第6話 列車旅の始まり

 月が出て、荒野に星が輝く頃。アルルは魔導列車トレインを待つ私に二つの道具を手渡してきた。


「ほら、これ使って」


 一つはアルルが使うヴァルサーによく似た小型の魔導銃マスケット。そして二つ目は銀の懐中時計だった。


Sショック・バレッタMマジック9。私が使うヴァルサーよりも、威力は低いけど取り回しのいい銃よ。魔導銃マスケットは撃ったことあるね?」

「はい。お父様の趣味の狩りに付き合ったことがありますので」

「ならよし。基本的にはサイズが小さいだけでやることは変わらないから」


 とは言っても、私が銃を向けていたのは野生の動物に対してであり、人に向けるなんてのはしてはいけないことと教わっている。だから、アルルのように人を撃てるかどうか。

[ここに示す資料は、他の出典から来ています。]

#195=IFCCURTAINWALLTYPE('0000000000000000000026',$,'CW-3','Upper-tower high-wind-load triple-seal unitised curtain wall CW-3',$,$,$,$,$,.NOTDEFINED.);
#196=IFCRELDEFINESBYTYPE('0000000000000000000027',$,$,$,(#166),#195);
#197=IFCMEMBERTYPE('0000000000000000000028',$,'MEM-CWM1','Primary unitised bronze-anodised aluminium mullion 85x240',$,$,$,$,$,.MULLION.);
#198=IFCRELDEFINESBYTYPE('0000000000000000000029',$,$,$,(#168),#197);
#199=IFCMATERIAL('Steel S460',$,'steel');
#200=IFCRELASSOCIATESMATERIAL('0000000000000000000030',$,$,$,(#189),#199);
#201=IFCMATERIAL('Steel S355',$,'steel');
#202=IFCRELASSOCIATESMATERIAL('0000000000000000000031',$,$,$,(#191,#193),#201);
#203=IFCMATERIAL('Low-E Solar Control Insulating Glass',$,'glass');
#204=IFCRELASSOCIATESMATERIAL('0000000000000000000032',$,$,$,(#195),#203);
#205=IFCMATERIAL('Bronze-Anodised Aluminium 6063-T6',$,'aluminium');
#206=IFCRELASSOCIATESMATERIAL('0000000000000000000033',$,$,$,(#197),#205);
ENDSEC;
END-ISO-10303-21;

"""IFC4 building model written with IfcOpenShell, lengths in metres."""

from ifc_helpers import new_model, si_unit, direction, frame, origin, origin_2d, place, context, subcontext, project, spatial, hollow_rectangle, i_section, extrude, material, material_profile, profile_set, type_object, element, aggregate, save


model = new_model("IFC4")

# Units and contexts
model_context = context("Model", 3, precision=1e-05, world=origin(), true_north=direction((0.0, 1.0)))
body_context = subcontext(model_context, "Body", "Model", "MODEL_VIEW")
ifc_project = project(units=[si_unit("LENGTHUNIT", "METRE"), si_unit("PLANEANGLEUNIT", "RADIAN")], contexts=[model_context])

 手の中にあるバレッタの重みを感じ、銃を見つめてみても、私には自信がなかった。


「やるからには、覚悟決めな」


 アルルは冷たく言い放つ。

 覚悟──。

 そうだ。悪いこともしてみせる、そう言ったじゃないか。

 ここはもう怪盗の世界。日の当たる場所からは外れている、悪党の生きる場所だ。そこへ私は望んで飛び込んできたのだから、いまさらできないとは言ってはいられない。アルルやジャンヌのように、やらねばならないのだ。


 バレッタに魔導マナを通すと、銃が淡く光る。無事に起動した合図だ。私はバレッタを怪盗スーツの腰元についているケースにしまって、懐中時計を見る。


「十時……」

「もう少ししたら、伯爵の魔導列車トレインが来る。そろそろ、姿を消して駅で待機した方がいい」

「分かりました」


 段取りにしたがって丘を下ろうとしたとき、アルルが私の肩を叩いた。


「いってらっしゃい」

「いってきます」


 送り出してくれた彼女に言葉を返し、丘を下ってゆく。

 肩に感じたアルルの力強さと温かみ、その感触がまだ残っている。なんだかアルルが側にいてくれるように感じられて、とても嬉しかった。


 少し、風が出てきた。荒野の乾いた風が頬を撫でる。空には雲が出始め、星や月を隠していった。


 急な岩肌を降りきり、手近な物陰に身を隠す。そこで周囲の様子を窺いながら、水晶の指輪に魔導マナを通し、


「発現、インビジブル」


 私の姿を完全に消し去る。

 怪盗服に、ストール、バレッタに至るまで完全に透明化していた。今日も相変わらず、この能力スキルの調子だけは良好のようだ。


 姿を消したまま、駅に駆け込む。

 駅は小さな建物と、アルルが線路と言った道の脇に屋根のような長い庇がかかった場所からできていた。庇の下は地面が他に比べて一段高くなっており、アルルが言うにここは“プラットフォーム”という名前らしかった。


 駅の中はがらんとしていて、誰もいない。建物の方も鍵がかかっていて入れなかったので、私はプラットフォームの上で待つことにした。庇を支える柱にもたれかかっていると、荒野の向こうに黒い影が見えた。


「なんだろう……?」


 その影はどうやらこちらに近づいてきているようで、急いで私はもたれかかっている柱の裏に隠れる。


 やってきたのは昼に遠くから見た魔導列車トレインだった。列車は耳を塞ぎたくなるほど大きな音を立てて、プラットフォームの横にぴたりと横付けした。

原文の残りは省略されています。